# The Ghost Phone, Back from the Dead!



## Ghost Ninja (Aug 25, 2013)

So I've been working on this project since last year. I know that there are different ways of doing this… so here is mine. My idea was started by the foreign nature the old type of corded phones are to today's kids. Many of today's kids only know cell phones or maybe cordless phones at home. Stiltbeast kicked me into high gear when he suggested an old phone may be spooky today on one of his videos (Thanks Alan).


So I began by insisting that the phones real bells or ringer work. I know that I could easily hook up an MP3 sound file or even some other kind of ringer under the phone. But no, not for me. So this last weekend I finally wrapped it up. The problem is that you can't energize the phone's ringer without getting into dangerously high voltage (despite the thin wires) or expensive customized power sources used in live theater.
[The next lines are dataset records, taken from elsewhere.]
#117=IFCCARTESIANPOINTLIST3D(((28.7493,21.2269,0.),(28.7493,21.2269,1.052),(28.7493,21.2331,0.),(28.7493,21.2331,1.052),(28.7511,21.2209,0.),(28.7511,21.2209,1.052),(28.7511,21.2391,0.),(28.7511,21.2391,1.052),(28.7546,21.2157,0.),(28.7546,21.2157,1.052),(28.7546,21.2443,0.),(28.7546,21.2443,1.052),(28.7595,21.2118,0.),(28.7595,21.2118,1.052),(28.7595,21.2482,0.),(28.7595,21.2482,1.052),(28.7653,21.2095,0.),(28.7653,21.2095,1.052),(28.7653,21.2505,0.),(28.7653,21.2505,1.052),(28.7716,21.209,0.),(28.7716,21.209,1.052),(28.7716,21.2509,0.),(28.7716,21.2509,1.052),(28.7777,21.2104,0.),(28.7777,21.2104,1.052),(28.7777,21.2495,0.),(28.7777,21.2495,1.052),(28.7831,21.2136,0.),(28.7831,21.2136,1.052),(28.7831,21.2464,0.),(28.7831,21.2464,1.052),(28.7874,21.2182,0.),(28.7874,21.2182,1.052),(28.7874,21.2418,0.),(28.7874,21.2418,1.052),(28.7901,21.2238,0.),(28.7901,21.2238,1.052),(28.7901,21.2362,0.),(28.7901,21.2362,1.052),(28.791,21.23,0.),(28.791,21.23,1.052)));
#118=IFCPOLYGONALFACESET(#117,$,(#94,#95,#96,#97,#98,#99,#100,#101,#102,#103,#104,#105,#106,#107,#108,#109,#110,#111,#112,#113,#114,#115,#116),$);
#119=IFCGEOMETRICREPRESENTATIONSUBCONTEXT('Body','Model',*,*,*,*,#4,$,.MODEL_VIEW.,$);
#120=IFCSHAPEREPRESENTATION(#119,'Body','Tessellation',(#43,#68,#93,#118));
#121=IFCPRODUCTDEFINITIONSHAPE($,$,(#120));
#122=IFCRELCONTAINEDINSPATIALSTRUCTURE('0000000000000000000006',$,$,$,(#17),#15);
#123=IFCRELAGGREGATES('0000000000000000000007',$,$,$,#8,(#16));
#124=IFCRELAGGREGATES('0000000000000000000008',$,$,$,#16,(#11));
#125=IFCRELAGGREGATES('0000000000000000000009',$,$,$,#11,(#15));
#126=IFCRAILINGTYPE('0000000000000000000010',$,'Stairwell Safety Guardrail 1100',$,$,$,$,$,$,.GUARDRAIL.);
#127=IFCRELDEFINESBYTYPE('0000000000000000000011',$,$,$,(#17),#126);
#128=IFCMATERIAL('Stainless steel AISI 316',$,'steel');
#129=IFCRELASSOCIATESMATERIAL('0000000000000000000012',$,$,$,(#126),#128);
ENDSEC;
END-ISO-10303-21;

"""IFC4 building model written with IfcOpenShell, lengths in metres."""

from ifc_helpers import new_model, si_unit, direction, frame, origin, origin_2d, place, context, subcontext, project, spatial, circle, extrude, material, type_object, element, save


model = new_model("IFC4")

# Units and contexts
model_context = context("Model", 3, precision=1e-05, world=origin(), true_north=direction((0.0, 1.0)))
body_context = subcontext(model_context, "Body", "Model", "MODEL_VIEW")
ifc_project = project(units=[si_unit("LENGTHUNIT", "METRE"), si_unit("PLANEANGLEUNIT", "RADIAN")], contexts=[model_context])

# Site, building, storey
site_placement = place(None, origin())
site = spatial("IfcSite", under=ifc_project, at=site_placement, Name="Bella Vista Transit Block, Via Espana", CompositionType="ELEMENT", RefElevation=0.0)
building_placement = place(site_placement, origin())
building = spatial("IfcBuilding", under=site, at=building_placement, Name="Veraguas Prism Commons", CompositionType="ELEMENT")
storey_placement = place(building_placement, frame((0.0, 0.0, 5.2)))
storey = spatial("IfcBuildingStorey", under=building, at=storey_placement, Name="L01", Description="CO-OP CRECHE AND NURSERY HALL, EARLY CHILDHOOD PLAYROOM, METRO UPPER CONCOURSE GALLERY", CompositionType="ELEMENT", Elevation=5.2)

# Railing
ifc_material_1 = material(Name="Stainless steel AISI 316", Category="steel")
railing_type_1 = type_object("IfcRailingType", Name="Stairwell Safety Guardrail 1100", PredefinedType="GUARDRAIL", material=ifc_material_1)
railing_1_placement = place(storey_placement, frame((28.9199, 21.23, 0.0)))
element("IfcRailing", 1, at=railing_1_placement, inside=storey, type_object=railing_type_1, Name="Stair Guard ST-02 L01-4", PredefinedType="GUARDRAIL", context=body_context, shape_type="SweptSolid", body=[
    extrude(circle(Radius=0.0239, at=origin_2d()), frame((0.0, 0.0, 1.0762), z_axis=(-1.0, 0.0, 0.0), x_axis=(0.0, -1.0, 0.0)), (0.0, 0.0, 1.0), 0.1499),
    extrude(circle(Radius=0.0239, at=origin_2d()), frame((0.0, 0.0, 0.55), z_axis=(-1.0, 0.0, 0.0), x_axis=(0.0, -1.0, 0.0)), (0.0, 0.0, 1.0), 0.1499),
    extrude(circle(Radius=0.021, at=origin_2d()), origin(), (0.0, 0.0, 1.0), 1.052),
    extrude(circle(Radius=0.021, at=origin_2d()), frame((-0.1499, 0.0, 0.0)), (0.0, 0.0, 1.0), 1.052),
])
I found a way to do it and added in some clever info from KipKay's ghost phone video too (Thanks Kip!) 


So … I give you my first tut and my take on the Ghost Phone.


Parts Needed:
Old style phone with cord and handset,Ebay $5.00
Simple door buzzer, Home Depot $8.00
Doorbell transformer, $12 (I got anopen box discount for $10) 
Round Single Gang Junction Box andCover, Home Depot about $4
Christmas Tree Light Floor Button, BigLots out of season clearance $3 (Thanks again to Stiltbeast)
Small MP3, Ebay $4
Over the Ear Headphones, Big Lots $5
Various wire clamps, rubber grommets,screws, scrap wood, zip ties, thin stiff wire and two wire nuts.
Total about $40 +/-


Step One: Gut the phone innards but keep the two bells and hammer assembly intact. Also be sure to keep the wires coming out of the little gizmo where the buttons go down to hang up the phone. You'll see where the raising and lowering of the handset changes the connecting wire contacts.
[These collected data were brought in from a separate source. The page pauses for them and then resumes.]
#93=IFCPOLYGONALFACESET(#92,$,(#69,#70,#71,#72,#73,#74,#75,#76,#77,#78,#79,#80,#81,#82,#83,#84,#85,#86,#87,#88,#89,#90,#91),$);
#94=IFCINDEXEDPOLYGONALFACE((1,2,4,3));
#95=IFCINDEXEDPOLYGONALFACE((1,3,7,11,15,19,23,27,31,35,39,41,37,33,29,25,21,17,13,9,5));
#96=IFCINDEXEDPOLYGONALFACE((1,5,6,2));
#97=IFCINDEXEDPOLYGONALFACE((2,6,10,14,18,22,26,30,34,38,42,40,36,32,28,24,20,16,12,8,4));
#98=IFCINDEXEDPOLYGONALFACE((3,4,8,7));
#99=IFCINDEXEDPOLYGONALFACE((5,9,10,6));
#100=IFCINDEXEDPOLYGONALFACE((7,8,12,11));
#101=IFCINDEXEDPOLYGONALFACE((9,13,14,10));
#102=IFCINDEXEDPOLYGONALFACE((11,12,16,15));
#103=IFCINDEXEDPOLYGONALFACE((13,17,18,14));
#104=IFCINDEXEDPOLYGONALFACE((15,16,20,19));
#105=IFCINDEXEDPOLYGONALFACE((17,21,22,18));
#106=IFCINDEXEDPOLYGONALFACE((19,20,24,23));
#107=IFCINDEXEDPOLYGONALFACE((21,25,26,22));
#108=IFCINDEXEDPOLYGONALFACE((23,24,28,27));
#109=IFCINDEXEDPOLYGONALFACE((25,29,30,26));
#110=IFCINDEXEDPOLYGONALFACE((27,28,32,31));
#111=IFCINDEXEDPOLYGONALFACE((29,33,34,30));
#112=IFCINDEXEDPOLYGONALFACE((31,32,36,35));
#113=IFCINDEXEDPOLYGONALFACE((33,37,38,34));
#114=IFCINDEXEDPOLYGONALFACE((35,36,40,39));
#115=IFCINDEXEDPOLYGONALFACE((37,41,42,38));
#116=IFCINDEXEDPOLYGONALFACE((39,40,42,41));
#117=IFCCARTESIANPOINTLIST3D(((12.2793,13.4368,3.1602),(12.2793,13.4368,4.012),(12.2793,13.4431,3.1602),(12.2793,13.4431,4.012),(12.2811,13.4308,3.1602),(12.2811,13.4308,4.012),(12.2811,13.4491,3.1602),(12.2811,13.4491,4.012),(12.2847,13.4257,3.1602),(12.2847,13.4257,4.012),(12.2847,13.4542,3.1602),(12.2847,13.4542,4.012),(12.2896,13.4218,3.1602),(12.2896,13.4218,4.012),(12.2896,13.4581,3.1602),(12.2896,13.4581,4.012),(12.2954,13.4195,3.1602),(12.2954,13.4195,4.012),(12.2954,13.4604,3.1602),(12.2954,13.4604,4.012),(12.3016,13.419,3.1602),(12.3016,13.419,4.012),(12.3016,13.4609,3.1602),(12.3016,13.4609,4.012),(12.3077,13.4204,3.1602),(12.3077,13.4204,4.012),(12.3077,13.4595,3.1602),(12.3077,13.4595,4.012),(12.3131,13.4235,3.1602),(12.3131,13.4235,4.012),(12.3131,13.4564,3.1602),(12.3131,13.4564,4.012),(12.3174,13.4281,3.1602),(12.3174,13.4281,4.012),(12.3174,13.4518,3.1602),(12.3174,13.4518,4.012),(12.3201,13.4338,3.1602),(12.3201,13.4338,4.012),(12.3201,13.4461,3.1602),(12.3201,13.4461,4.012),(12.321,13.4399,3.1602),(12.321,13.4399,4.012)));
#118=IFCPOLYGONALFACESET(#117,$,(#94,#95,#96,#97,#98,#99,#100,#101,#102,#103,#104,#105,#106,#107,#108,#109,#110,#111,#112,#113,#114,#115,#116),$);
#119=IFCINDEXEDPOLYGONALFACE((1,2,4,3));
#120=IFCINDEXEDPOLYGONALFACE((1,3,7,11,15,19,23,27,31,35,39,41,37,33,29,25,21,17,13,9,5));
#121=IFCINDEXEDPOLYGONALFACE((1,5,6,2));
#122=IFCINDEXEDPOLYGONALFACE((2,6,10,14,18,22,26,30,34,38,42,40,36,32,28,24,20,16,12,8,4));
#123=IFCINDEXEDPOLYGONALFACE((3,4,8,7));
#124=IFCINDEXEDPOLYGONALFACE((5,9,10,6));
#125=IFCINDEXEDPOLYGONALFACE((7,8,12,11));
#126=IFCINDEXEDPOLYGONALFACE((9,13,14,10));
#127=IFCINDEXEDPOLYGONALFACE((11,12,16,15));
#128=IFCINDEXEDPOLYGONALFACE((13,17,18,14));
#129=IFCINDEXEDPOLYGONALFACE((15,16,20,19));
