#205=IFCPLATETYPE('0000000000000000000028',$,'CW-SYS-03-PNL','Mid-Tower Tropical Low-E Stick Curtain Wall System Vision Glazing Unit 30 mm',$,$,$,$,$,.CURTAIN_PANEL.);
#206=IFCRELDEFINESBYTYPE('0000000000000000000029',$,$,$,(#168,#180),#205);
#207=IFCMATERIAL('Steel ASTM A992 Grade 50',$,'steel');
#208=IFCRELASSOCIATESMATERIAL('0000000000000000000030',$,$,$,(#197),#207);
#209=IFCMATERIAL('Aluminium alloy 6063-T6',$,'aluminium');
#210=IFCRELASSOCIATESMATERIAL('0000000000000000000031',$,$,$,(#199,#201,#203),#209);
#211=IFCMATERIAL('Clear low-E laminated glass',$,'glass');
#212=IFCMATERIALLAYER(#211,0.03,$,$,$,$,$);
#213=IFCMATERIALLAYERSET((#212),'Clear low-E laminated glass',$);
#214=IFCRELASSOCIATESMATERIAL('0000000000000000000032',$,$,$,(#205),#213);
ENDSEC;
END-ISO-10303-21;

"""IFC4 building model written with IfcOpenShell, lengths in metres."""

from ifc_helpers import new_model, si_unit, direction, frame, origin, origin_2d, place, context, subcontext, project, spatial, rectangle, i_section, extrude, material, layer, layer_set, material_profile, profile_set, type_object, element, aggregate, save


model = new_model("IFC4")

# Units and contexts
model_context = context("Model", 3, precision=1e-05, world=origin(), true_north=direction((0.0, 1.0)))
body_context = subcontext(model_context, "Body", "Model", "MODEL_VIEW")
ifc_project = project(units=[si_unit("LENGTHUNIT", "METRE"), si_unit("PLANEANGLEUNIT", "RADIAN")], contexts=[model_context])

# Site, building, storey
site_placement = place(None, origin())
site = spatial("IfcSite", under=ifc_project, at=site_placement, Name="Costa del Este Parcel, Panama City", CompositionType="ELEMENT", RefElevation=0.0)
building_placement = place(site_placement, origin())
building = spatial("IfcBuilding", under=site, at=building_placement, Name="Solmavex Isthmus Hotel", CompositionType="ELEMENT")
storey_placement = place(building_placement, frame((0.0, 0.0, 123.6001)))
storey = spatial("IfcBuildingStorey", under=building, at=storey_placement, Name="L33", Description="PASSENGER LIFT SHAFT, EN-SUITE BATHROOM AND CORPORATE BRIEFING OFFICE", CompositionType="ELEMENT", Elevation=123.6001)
Step Two: Remove the buzzer cover and save for some kind of robot costume or cool steam punk utility belt. Carefully cut the metal body of the buzzer so that it fits right alongside the hammer. Trim a small piece of wood to support the buzzer body so that it is at about the same level as the bell hammer. You'll need to drill a small hole at the end of the metal buzzer bar that move back and forth making the buzz. Attach a small section of stiff wire from the hole that you drilled to the end of the hammer. Some tweaking will be needed but more on that later.
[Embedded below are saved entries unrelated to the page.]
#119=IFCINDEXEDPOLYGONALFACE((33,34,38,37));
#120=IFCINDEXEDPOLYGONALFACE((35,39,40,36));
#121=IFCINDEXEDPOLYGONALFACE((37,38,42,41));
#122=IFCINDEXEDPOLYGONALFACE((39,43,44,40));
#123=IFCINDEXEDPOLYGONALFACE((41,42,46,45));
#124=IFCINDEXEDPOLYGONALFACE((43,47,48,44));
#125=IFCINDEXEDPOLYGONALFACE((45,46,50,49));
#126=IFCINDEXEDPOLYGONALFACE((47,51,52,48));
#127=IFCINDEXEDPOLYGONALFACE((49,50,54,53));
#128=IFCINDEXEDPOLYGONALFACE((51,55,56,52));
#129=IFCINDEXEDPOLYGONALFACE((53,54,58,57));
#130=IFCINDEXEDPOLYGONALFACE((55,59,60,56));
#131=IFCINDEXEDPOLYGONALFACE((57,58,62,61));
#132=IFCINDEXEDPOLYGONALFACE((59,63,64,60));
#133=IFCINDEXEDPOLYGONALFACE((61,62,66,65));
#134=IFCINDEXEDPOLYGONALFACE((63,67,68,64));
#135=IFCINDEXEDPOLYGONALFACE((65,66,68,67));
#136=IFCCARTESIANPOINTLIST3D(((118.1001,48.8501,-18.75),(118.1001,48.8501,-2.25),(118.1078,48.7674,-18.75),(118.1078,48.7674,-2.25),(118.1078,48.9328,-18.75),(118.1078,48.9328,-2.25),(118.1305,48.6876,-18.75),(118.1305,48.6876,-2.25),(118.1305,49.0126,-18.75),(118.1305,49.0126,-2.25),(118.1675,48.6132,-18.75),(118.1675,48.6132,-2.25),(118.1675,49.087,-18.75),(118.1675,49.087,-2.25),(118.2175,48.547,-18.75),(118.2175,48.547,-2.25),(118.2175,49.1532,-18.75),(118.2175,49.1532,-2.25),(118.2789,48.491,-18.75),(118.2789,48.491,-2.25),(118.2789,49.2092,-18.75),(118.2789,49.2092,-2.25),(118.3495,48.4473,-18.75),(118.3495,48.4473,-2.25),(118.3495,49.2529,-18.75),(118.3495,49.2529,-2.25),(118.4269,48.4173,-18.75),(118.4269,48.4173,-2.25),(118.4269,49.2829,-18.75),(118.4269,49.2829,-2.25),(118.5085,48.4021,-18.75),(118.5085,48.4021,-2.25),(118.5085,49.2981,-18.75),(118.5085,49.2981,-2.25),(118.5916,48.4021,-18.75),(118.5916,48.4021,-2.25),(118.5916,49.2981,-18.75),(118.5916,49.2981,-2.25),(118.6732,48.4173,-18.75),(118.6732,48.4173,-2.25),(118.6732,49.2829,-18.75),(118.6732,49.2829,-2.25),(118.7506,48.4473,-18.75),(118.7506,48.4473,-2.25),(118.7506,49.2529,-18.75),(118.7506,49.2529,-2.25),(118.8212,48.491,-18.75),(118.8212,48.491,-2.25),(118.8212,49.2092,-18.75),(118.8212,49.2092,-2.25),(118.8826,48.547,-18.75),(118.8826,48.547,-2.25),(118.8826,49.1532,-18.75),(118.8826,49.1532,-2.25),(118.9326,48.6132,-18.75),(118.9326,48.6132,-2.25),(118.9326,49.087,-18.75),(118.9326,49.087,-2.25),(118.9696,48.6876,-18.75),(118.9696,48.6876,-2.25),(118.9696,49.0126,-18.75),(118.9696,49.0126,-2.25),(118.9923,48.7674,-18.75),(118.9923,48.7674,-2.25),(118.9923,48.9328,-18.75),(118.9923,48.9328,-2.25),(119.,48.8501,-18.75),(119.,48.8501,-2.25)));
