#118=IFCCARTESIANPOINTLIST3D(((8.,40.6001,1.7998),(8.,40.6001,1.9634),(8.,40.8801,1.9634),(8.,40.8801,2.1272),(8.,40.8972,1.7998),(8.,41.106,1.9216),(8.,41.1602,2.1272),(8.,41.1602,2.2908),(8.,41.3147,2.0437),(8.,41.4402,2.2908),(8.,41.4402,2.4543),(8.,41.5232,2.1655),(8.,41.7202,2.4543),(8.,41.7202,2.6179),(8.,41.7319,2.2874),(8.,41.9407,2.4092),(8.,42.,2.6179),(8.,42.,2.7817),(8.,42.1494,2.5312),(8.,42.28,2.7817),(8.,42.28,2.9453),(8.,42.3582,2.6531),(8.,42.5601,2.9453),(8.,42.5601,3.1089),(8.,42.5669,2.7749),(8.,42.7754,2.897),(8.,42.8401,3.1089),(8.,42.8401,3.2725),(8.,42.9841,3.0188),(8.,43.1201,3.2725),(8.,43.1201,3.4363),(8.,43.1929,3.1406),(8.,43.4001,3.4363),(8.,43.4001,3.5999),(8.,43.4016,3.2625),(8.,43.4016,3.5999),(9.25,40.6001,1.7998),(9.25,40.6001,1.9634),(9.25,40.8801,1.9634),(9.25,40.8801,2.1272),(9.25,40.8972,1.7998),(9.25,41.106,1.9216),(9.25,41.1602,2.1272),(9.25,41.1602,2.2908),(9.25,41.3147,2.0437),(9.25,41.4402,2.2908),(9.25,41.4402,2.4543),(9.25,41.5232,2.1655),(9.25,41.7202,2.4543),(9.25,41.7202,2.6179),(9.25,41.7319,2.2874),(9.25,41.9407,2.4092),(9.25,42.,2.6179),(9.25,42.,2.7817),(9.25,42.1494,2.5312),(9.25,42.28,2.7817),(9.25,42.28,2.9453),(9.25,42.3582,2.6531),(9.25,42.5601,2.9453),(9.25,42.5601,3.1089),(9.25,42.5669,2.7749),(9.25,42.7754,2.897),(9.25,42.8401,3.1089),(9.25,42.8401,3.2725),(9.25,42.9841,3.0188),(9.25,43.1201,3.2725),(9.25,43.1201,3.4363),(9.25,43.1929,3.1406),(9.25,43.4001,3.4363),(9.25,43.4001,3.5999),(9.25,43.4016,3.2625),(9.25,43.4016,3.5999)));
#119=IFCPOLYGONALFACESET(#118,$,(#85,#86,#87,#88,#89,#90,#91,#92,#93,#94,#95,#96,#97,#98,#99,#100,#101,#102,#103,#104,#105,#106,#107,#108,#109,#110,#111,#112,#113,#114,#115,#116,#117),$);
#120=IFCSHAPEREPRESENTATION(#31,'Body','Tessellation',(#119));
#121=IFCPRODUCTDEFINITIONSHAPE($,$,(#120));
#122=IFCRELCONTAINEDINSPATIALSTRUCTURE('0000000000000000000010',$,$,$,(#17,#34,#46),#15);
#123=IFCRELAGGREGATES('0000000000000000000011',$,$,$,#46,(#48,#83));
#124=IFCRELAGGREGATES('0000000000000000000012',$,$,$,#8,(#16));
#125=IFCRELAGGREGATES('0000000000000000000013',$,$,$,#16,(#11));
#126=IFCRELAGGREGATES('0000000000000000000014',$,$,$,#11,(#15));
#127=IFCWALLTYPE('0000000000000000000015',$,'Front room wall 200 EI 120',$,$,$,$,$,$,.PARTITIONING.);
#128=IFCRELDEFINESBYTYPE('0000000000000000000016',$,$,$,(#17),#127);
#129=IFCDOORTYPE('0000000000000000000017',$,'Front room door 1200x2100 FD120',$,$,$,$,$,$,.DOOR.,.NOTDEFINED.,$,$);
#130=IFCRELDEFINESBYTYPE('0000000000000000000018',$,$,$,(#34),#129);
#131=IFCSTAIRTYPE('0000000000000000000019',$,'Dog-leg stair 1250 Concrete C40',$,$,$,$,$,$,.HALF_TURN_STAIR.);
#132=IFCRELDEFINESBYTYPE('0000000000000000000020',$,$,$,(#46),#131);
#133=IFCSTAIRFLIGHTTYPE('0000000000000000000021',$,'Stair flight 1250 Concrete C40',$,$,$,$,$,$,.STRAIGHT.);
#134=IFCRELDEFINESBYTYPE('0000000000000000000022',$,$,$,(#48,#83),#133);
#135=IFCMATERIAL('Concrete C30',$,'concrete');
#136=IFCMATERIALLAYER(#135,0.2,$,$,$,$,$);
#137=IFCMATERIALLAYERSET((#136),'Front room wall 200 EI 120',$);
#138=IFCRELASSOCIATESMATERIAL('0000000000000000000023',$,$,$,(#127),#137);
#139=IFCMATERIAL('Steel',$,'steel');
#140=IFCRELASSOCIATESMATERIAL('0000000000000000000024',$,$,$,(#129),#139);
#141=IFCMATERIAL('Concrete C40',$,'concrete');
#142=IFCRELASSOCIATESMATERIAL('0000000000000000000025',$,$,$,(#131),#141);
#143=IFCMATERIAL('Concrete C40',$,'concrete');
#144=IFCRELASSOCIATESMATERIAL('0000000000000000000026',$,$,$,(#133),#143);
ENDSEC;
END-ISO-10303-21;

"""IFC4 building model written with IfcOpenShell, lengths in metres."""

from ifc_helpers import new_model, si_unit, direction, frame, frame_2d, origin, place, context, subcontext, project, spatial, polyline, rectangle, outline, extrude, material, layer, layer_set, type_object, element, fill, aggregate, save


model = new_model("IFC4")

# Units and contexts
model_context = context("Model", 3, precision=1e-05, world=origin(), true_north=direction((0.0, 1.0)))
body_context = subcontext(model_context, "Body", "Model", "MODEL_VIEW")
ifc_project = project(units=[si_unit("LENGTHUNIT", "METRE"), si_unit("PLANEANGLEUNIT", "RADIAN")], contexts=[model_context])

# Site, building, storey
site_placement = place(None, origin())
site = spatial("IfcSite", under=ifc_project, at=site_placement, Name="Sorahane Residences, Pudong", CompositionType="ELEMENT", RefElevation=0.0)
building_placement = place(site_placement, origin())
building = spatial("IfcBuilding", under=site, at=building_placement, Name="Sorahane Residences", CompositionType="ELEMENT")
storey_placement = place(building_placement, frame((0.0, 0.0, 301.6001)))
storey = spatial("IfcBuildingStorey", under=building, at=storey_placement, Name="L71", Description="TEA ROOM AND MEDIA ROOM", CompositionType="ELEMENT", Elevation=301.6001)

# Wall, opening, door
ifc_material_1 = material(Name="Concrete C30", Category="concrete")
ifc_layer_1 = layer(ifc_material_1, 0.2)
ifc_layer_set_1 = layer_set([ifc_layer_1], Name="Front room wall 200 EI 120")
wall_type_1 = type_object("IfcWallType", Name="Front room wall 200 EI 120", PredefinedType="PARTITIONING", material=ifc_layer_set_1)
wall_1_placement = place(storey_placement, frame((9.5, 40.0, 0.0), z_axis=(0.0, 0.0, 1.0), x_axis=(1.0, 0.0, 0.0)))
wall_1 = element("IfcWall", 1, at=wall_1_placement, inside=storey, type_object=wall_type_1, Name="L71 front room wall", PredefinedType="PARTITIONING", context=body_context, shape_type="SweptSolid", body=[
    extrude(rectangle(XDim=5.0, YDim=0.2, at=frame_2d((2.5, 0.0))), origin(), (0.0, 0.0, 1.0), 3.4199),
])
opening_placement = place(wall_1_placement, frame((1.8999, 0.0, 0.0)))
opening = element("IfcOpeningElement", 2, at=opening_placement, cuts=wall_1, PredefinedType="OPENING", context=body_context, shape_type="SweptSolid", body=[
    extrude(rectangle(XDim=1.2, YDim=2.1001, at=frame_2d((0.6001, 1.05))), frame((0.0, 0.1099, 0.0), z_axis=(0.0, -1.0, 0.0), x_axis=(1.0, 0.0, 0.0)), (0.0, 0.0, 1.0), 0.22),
Step Three: Connect the incoming phone line cord (not the curly one) to the buzzer. I cut off two of the four wires, any two and hooked one of them up to the body and the other to the set screw as indicated by the directions that came with it. This is easy there are only two screws anyways. The cord has a metal clip to secure it to the base of the phone, which I clamped down tightly. I also zip-tied the cord to the bell base just to be sure. You can see the green and red wires in the pic above.


Step Four: Open the handset receiver and remove the speaker. Like Kipkay said, it's kind of cool so save it for something else down the line. Replace the speaker with a speaker from the headset. Mine was too big to fit until I dismantled it and it fit like a glove. I cut off the screw connector ends from the handset and soldered them (white wires) directly to the speaker. Note which color wires you soldered to the speaker and cut the other two off from the other end of the coiley cord.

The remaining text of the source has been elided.